In questa raccolta non sono
presenti i libri Apocrifi(1),
in quanto ritenuti non ispirati e quindi non facenti parte del Canone(2)
biblico.
Il tema centrale di tutta la Bibbia è Cristo,
dalla preparazione dell’A.T.
alla rivelazione del N.T
La Bibbia non si colloca sul piano scientifico o filosofico, essa si occupa
di ciò che concerne il rapporto tra Dio e l’uomo e il suo bisogno di
salvezza.
La Bibbia non è un manuale di scienze,eppure è in armonia con la scienza
moderna. Galileo Galilei(1564-1642), per le sue teorie sulla rotondità della
terra fu accecato perché, secondo i religiosi del tempo, esse erano
contrarie alle affermazioni della Bibbia. La Scrittura, invece affermava,
già nel 700 a.c., che la terra era un globo (Isaia40:22).
La Bibbia è stata scritta da circa 40 scrittori diversi, in luoghi diversi e
in un periodo di tempo di circa 1600 anni, da Mosè a Giovanni(3), ed anche
in diverse lingue, eppure Essa dimostra la sua unità e la sua armonia come
se fosse stata scritta da un solo autore.
Ma ciò che è più rilevante, è quello che la Bibbia compie attraverso il suo
messaggio nella vita e nel cuore degli uomini.
Se l’uomo avesse potuto salvare se stesso,Gesù non sarebbe venuto; Dio dà
prova del fallimento dell’uomo attraverso la legge data a Mosè. A causa
della debolezza morale conseguenza della caduta d’Adamo (4), l’umanità
acquisisce una notevole inclinazione alla trasgressione e, in questa
condizione di separazione da Dio, l’uomo diventa fortemente egocentrico.
La legge ovviamente non fa altro che rivelare il misfatto, evidenziando
l’incapacità dell’uomo di osservare i comandamenti di Dio (Romani 3:19,20,)
Quale speranza ha l’uomo d’essere giusto davanti a Dio, poiché la condotta
d’ogni persona è ben lontana dallo standard morale richiesto? Chi può essere
salvato?
Questa fu la domanda che i discepoli fecero a Gesù (Matteo 19:25). In
effetti, tutti noi, senza eccezione a causa del peccato, siamo squalificati
da questa corsa per la salvezza, essa, infatti, esige la perfezione (Romani
3:23,24).
Ciò è impossibile all’uomo, ma a Dio ogni cosa è possibile!
Questa fu la risposta di Gesù ai discepoli.
La salvezza non poteva avvenire in modo fittizio, e così Dio venne in
soccorso dell’umanità perduta, e come uomo venne a salvare l’uomo (Romani 8:
1-3).
Cristo nella sua incarnazione soddisfa pienamente la giustizia e la santità
che Dio richiede all’uomo, divenendo così capo e autore di quella fede che
salva appieno chiunque crede (Ebrei 5:8-10; 10:7).
La giustizia di Cristo è così accreditata e la salvezza si ottiene non per i
nostri meriti (ciò è impossibile), ma per quelli del Figlio di Dio, non per
opere giuste che abbiamo fatte, ma per grazia (Efesini 2: 8,9; Tt. 3:5).
Perciò Dio da grazia agl’umili (Giacomo 4:6), a coloro cioè che si
riconoscono mancanti, bisognosi di perdono e salvezza e come tali confidano
in Colui che è senza peccato (Luca 23:39-43).
Possiamo affermare che l’umanità si divide in due categorie di persone:
peccatori che vogliono essere trovati e peccatori che non lo vogliono.
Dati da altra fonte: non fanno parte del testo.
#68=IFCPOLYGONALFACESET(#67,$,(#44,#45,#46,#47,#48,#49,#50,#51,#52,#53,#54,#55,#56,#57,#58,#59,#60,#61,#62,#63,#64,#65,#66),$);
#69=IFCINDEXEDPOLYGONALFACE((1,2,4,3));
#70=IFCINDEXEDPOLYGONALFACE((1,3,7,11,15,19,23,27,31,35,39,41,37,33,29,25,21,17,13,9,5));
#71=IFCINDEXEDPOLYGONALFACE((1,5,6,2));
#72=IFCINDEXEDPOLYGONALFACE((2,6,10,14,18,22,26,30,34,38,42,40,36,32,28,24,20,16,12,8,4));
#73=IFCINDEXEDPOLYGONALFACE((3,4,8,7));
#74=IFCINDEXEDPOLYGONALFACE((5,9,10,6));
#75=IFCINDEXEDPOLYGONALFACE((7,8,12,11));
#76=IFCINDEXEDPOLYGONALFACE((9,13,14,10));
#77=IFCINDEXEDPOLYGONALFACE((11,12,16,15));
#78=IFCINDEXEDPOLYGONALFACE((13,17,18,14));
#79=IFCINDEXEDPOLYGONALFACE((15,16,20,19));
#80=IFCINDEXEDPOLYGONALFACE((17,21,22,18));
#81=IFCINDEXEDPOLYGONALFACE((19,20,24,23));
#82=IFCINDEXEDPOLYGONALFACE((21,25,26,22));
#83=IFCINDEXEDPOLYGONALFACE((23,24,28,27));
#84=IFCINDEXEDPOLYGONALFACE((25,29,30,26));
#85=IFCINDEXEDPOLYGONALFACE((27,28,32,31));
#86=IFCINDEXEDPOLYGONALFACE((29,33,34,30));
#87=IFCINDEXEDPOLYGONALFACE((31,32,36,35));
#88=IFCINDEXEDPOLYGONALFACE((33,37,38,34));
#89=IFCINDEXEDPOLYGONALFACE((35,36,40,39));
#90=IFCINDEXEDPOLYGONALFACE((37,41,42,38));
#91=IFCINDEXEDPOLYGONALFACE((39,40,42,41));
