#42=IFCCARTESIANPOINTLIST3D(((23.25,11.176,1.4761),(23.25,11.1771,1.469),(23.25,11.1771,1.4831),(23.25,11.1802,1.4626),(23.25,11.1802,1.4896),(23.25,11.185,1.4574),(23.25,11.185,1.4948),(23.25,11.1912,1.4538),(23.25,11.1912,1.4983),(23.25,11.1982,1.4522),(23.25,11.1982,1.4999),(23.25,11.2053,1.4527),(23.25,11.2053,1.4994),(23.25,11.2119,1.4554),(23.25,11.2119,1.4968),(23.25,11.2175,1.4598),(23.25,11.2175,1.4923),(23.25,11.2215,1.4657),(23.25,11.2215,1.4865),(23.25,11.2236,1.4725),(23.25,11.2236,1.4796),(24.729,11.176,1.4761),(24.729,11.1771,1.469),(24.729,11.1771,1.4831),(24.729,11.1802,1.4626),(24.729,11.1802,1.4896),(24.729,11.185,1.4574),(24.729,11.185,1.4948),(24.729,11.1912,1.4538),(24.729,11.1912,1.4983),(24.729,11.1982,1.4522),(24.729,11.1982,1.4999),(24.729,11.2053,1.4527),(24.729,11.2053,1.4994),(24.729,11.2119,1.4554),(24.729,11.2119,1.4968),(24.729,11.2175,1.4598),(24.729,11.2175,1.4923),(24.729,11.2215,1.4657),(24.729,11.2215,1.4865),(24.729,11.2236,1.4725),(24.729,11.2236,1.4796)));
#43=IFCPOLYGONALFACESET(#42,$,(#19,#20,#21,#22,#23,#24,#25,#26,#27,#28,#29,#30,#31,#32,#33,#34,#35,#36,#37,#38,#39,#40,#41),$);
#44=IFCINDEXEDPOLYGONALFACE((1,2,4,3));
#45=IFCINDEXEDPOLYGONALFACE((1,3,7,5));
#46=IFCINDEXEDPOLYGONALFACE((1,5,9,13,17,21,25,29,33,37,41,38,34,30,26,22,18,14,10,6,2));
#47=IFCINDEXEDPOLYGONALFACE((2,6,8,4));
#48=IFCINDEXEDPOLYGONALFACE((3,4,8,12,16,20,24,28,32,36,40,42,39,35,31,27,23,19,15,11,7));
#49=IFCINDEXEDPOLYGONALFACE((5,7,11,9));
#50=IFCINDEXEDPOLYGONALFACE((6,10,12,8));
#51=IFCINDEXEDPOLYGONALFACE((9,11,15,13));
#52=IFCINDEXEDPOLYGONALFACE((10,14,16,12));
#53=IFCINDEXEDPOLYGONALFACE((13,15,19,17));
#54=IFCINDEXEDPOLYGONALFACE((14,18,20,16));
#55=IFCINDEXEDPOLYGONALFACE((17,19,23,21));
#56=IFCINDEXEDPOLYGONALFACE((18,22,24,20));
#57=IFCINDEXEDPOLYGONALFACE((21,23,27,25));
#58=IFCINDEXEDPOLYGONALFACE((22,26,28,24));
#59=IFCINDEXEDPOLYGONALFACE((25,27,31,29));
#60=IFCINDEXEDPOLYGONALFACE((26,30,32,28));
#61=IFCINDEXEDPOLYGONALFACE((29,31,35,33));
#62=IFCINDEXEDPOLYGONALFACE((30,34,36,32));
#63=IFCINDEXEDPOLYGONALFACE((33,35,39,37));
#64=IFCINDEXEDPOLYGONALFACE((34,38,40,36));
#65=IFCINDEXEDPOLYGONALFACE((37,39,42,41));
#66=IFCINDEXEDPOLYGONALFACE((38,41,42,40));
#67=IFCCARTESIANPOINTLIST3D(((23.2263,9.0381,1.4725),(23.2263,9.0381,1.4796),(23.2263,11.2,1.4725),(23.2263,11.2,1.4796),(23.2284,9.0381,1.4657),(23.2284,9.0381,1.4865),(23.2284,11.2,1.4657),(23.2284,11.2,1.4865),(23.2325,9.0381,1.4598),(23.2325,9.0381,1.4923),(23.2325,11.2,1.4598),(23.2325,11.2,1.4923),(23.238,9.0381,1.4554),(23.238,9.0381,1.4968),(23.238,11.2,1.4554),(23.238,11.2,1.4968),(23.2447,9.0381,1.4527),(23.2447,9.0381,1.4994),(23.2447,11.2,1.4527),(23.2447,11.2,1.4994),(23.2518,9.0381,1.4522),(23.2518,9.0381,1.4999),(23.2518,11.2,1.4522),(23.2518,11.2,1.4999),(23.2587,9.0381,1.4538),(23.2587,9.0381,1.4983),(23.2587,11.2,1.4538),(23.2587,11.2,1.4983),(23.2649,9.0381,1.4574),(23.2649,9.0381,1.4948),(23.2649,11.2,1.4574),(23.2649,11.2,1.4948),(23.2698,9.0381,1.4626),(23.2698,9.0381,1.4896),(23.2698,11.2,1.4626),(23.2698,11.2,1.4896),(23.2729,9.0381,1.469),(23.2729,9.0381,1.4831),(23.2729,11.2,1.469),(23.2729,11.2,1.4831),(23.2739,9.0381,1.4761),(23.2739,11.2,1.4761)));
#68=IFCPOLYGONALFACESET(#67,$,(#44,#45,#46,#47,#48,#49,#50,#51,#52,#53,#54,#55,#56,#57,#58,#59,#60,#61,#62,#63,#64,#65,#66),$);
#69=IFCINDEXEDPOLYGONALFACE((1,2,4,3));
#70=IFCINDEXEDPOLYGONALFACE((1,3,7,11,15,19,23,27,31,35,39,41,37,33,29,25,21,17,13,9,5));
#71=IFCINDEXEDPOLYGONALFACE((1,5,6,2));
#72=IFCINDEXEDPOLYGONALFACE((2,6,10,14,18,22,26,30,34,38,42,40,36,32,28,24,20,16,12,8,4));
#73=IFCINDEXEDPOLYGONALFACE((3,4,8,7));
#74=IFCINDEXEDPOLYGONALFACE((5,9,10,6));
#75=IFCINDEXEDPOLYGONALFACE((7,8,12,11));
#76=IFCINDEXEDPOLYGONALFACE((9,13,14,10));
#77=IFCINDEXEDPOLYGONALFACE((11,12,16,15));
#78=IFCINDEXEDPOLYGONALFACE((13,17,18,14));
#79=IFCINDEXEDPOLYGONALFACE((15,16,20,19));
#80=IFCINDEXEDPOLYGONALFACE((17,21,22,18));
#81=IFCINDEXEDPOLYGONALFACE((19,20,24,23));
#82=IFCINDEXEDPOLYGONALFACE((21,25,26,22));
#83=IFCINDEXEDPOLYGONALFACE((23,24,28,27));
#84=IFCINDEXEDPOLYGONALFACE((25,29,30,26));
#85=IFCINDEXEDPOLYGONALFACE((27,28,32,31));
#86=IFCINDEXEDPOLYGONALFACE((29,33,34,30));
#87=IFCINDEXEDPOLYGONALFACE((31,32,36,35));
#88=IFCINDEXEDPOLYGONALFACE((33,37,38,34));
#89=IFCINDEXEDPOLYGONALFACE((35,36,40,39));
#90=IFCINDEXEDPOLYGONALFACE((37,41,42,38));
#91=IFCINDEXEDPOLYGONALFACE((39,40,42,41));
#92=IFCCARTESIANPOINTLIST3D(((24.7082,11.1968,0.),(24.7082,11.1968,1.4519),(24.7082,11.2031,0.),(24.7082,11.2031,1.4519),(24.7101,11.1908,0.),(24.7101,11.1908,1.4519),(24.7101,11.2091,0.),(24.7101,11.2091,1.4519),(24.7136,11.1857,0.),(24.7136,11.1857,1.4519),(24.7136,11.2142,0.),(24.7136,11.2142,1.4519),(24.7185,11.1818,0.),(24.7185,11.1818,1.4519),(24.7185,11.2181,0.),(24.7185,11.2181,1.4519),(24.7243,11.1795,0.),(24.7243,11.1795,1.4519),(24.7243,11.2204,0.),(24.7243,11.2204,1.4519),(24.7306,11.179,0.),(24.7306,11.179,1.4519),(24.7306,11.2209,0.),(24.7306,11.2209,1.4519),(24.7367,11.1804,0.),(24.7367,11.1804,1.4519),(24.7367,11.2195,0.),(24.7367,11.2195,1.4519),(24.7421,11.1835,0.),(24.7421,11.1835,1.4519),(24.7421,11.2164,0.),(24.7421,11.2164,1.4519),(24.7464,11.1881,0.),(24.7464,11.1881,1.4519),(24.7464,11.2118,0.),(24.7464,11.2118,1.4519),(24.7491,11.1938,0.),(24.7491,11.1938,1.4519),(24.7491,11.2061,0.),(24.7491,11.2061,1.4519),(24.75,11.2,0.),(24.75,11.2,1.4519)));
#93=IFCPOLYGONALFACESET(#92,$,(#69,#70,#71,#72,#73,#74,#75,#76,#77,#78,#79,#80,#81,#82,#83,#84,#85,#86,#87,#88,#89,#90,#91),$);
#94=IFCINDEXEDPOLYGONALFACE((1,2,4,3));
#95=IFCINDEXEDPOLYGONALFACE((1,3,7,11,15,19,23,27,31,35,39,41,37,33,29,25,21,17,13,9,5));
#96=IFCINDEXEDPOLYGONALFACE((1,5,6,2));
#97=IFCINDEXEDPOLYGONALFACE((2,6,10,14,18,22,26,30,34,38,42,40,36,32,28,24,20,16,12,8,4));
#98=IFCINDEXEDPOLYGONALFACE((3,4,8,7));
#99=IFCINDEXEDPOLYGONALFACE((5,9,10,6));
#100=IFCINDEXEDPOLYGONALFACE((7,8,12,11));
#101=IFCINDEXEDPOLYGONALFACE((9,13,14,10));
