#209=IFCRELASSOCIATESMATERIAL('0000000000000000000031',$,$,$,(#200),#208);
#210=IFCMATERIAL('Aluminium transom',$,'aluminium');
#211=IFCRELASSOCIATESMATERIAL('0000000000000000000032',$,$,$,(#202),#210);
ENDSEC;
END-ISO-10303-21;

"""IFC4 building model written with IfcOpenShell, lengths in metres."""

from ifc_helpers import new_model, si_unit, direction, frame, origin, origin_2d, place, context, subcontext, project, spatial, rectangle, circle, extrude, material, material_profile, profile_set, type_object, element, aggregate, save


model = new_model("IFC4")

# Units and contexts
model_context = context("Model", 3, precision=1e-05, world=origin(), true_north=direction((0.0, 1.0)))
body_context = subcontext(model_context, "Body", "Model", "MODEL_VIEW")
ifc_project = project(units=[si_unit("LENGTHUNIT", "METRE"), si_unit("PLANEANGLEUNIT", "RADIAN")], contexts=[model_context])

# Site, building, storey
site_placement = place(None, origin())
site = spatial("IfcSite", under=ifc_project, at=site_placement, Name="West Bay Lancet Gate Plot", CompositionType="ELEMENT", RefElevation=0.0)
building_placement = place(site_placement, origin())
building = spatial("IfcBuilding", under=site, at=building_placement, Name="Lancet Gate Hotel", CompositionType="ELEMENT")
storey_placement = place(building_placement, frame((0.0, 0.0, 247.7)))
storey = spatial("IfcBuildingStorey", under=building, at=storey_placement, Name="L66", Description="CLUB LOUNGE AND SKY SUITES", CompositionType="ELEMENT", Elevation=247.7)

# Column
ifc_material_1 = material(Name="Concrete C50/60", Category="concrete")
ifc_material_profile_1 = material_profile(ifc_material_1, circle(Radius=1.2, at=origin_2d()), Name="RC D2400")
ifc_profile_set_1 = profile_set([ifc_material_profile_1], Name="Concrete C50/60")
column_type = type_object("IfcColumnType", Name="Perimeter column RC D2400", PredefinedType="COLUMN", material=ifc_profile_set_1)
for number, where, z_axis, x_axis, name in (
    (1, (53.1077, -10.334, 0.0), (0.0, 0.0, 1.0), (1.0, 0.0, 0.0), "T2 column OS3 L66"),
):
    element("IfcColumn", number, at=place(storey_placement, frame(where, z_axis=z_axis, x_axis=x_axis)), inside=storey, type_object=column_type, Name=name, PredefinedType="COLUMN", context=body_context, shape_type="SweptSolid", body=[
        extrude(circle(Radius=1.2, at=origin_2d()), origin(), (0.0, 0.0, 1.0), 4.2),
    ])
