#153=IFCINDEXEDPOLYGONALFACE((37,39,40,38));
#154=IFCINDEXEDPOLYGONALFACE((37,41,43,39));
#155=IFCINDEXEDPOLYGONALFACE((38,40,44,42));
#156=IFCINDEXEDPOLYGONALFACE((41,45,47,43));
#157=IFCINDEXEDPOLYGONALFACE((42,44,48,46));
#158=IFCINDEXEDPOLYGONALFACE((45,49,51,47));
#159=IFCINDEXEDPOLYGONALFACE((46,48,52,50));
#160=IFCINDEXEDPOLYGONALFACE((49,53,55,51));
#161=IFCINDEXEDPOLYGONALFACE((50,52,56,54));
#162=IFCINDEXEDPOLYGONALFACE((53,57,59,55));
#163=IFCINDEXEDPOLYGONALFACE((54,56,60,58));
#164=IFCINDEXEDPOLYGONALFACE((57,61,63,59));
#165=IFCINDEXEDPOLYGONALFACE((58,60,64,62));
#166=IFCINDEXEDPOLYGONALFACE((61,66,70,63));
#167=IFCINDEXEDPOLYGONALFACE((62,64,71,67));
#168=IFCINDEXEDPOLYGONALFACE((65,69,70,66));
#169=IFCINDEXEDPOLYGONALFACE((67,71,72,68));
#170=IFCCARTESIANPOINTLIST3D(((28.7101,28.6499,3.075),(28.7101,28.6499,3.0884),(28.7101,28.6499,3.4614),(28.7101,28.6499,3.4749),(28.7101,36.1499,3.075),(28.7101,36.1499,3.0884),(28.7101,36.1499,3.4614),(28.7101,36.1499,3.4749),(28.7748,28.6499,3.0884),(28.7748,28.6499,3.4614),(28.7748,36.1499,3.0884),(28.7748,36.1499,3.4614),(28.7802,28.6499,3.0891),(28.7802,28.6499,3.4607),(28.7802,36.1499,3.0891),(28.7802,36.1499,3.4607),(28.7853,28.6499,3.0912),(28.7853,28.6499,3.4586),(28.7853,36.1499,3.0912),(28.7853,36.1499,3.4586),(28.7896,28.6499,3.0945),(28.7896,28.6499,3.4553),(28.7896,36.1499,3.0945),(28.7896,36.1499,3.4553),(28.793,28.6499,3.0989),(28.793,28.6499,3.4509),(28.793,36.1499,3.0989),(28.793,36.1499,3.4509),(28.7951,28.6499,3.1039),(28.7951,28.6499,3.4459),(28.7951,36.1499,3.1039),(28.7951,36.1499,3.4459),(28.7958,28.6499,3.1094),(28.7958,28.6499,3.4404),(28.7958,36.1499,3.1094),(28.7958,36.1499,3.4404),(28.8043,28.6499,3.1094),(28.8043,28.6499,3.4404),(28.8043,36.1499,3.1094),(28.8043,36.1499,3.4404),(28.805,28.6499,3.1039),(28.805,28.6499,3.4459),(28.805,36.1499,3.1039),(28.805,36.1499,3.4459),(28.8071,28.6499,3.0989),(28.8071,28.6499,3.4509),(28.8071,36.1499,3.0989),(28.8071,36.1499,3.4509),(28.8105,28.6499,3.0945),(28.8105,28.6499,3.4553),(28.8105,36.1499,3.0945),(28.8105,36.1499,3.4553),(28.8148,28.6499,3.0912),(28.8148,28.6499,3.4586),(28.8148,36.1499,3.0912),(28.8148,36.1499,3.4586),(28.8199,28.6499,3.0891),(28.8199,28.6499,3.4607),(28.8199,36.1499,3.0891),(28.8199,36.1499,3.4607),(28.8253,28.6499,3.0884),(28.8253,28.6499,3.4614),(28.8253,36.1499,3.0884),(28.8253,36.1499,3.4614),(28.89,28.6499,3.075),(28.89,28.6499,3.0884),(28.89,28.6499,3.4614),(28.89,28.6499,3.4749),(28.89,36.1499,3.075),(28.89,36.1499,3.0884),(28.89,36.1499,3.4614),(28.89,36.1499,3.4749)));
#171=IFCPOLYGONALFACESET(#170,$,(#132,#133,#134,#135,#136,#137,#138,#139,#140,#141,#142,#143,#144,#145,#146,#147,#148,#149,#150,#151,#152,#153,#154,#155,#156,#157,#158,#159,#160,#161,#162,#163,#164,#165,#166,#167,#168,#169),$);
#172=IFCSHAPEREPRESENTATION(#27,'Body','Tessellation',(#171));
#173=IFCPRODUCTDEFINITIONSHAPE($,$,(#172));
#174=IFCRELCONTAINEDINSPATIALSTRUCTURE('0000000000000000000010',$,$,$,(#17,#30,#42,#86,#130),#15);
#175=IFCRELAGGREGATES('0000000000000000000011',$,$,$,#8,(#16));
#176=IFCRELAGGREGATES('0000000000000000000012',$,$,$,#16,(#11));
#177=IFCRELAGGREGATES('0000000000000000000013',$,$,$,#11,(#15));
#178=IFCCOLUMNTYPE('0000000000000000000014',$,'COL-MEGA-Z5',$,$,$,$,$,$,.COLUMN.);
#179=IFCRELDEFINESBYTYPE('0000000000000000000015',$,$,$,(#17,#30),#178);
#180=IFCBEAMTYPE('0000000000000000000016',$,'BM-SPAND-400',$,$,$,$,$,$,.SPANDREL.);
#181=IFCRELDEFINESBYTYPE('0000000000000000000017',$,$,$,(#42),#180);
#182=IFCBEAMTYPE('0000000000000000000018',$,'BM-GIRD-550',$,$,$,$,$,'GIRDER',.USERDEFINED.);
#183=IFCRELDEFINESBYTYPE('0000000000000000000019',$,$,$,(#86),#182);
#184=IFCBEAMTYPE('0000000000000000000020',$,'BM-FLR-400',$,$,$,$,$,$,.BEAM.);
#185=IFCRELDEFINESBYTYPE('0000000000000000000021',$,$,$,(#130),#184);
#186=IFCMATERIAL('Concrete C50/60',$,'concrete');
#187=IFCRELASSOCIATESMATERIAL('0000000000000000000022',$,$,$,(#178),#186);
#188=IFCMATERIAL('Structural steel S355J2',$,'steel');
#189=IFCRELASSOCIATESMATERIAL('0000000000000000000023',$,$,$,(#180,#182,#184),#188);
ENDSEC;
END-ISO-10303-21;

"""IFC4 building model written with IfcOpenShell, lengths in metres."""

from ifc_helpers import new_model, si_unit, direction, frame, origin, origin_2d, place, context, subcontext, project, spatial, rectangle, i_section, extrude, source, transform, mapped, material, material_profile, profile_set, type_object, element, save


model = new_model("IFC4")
Gesù,
infatti, disse di essere venuto per cercare e salvare ciò che era perduto
(Luca19:10). E’ sempre Dio che prende l’iniziativa, in tutta la Bibbia e in
particolare con l’avvento di Cristo, per venire incontro al bisogno di
salvezza dell’uomo (Matteo 20: 1-16).
Si può osservare nel cristianesimo, il ribaltamento di quell’idea comune a
tutte le religioni, in cui è l’uomo che deve arrampicarsi per cercare di
raggiungere il “divino”.
Qui invece è il Divino che viene a cercare e salvare l’uomo che da se non
può farlo (Giovanni 6:28,29).
L’offerta di Dio, che vuole salvare tutti gli uomini ed elevarli alla
dignità di figli(5) è gratuita. Difatti è scritto: “ voi che siete assetati
venite alle acque… venite comprate senza danaro…” (Isaia55:1).
Questo dono è Gesù stesso che dice: “io sono il pane della vita,chi viene a
me non avrà più fame e chi crede in me non avrà mai più sete “ (Giovanni
6:35).
Così la risposta per la salvezza dell’uomo non è una lista di regole da
osservare, ma una Persona che è l’adempimento della legge(6), che vive una
vita perfetta (senza peccato), che offre volontariamente la sua vita come
sacrificio espiatorio per i peccati del mondo (Marco 10: 45).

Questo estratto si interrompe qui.